İNANÇ VE UMUDUMU YİTİRMEDİM

Seni özgürleşen Kürdistan’da, Amed’in surları üzerinde milyonlarca kişiye seslenirken, bizler de bu kalabalığın içindeyken hep hayal ettim. Kendim bunu görebilecek miyim net bir şey diyemem. Ama bir gün böyle olacağına olan inanç ve umudumu da hiçbir zaman yitirmedim. Sana karşı duyduğumuz özlemin büyüklüğünü bundan sonraki pratiklerimiz ortaya koyacaktır. Böylesi bir özleme neden olan yine bizler, bunu bitirmek de bizim boynumuzun borcudur. Bu duygu ve düşünceleri dile getirirken en içten sevgi ve selamlarımı gönderiyorum.

YAŞAMIN DERİNLİĞİNİ ANLADIM

Çekdar Xebat, 2016’da Zap’ta fedai eylem gerçekleştiren bir gerillaydı. Bağlılığını tarif etmekte zorlandığını söylediği Öcalan’a yazdığı mektubunda, yaşamın ne kadar derin ve aynı zamanda zevkli olduğunu öğrendiği ifade ediyor. Xebat, şunları yazıyor: Yaşamın, insanın önüne koyduğu o kadar çok sevgi var ki, aslında yaşamın anlamının bu tercihlerde yattığını, değişimin ve yaratmanın güzelliğini anladım. Kötüyü, çirkini, özgürlüğü, şerefi, onuru, düşürülmüşlüğü, cesareti, korkuyu birbirinden ayırt etmek, onlardan doğru olanı tercih etmek, tercih ettiğini etkin hale getirmek büyük bir yürek, üstün bir irade, sonsuz bir inanç ister. İşte bunu her zaman her mekanda gerçekleştiren siz oldunuz. Dolayısıyla tercihiniz benim için gerekleri eksiksiz ve kusursuzca, ince bir ustalıkla yerine getirilmesi gereken kutsal değerler anlamındadır.
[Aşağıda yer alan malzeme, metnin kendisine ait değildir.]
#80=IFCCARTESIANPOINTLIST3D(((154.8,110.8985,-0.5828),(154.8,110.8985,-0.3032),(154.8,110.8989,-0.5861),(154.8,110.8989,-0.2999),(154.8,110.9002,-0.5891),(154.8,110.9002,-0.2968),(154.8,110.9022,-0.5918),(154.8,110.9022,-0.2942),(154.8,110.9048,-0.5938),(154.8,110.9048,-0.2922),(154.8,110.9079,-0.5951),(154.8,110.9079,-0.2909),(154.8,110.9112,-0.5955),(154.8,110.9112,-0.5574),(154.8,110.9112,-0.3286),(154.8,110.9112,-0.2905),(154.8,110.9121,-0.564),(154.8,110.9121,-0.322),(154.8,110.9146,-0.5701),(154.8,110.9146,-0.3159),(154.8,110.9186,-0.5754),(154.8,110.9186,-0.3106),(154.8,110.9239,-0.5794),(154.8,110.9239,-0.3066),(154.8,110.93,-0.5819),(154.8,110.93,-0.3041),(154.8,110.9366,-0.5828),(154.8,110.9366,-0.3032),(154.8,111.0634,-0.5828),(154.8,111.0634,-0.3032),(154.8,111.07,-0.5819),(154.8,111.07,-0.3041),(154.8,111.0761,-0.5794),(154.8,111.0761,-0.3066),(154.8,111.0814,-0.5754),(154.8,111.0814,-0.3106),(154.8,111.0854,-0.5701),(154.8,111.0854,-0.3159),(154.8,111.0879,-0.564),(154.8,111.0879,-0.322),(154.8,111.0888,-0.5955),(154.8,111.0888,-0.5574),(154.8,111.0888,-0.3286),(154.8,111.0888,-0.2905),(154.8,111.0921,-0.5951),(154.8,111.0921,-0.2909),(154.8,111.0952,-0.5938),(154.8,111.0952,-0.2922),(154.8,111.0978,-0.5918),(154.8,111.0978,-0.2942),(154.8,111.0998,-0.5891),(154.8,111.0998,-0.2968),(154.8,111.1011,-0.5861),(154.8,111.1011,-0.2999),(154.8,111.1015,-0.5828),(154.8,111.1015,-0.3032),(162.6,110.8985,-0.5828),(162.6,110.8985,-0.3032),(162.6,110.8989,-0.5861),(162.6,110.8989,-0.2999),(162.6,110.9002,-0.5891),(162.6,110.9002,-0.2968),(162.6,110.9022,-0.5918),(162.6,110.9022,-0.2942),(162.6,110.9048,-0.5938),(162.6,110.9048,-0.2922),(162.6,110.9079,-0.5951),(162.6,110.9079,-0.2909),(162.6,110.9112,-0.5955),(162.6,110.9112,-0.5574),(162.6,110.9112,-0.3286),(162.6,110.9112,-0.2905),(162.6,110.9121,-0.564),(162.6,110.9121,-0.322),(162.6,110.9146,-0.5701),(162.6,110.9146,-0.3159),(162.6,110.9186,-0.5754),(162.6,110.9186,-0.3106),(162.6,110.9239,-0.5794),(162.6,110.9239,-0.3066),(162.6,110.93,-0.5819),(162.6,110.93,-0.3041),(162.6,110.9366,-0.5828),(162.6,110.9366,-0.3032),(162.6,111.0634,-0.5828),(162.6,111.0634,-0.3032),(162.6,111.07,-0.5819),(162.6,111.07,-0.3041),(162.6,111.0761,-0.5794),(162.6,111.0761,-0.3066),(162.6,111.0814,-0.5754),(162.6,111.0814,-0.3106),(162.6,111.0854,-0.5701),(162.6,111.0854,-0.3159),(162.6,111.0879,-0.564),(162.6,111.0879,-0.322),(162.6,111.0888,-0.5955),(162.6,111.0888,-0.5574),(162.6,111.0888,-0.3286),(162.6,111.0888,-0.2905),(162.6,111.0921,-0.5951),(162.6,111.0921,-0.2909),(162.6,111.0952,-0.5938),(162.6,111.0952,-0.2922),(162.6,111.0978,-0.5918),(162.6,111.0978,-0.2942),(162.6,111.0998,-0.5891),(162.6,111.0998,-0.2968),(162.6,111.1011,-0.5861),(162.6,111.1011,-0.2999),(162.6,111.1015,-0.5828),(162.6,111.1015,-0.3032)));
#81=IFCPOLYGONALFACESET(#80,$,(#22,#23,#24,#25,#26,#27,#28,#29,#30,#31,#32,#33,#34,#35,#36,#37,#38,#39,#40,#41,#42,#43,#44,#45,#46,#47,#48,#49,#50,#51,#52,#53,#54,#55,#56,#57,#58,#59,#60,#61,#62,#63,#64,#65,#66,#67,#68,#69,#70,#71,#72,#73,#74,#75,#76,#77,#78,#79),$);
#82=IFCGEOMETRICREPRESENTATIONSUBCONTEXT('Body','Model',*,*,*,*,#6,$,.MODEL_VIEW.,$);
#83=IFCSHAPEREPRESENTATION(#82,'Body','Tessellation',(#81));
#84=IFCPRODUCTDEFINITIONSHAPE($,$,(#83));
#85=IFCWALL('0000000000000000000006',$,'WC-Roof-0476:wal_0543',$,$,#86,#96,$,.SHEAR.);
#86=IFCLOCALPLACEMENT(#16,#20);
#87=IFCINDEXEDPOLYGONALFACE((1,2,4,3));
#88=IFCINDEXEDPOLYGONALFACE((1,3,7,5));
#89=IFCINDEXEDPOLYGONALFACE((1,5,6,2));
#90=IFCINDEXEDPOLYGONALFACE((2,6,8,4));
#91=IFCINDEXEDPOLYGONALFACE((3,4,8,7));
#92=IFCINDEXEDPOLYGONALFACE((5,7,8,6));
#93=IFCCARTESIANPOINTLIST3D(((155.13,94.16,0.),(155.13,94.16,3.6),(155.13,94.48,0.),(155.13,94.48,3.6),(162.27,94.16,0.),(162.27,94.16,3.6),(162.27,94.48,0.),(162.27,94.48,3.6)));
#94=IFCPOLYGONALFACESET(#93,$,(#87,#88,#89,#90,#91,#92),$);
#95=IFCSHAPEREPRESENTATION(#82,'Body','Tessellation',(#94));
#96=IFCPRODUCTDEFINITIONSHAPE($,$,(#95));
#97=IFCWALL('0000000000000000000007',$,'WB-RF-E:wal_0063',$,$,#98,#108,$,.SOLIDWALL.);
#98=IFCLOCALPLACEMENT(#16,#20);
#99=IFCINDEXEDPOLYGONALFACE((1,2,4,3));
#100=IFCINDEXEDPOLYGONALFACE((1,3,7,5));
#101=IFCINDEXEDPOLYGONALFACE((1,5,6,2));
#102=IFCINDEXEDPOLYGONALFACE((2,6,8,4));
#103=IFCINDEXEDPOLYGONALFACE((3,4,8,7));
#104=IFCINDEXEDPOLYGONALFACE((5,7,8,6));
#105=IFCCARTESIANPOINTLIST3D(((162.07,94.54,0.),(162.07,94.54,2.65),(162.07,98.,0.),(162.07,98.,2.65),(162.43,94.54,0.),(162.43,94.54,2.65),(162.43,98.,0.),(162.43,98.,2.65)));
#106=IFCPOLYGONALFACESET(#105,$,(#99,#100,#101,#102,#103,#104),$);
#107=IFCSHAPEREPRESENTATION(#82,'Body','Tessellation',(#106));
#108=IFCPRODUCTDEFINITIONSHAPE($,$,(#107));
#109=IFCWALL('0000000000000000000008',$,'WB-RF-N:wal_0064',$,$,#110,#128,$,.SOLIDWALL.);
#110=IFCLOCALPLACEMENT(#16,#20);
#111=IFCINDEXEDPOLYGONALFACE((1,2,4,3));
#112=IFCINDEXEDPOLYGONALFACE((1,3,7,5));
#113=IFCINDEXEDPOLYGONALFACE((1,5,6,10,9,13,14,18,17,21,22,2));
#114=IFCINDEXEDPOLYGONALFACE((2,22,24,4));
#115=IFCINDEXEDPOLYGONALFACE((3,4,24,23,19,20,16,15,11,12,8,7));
BİNLERCE FEDAİ İLE YÜRÜMEK

Sizin yarattıklarınızla yaşamaya çalışırken ne kadar değişmiş ve gelişmiş olduğumu gördüm. Sizden güç alarak kendimde yarattığım her değişimin, hayata yeni bir yaklaşımın başlangıcı olduğunu da gördüm. Ve bu başlangıçlar size doğru bir temelde ulaşmanın, bağlanmanın ve anlamanın yollarını önüme koydu. Onurlu yaşamın ne demek olduğunu fark ettim, öğrendim. Binlerce fedai kahramanla yürümeyi, koşmayı, paylaşmayı, sevgiyi, saygıyı, sohbeti öğrendim Başkanım. Tüm yaşamlarını Önderliğine adamış, Önderliklerine yürekten bağlı binlerce özgürlük fedaisinin, Önderliğe yönelik en ufak onur kırıcı yaklaşımlara karşılık cevabının ne derecede yakıcı ve şiddetli olacağını hesaplamayanların zayıflığının ne olduğunu öğrendim.

Başkanım, sizden öğrendiklerim, sizden daha da öğreneceklerim yanında okyanusta bir damla gibidir. Çünkü sizi öğrenmenin, anlamanın ve sevmenin sonu yoktur.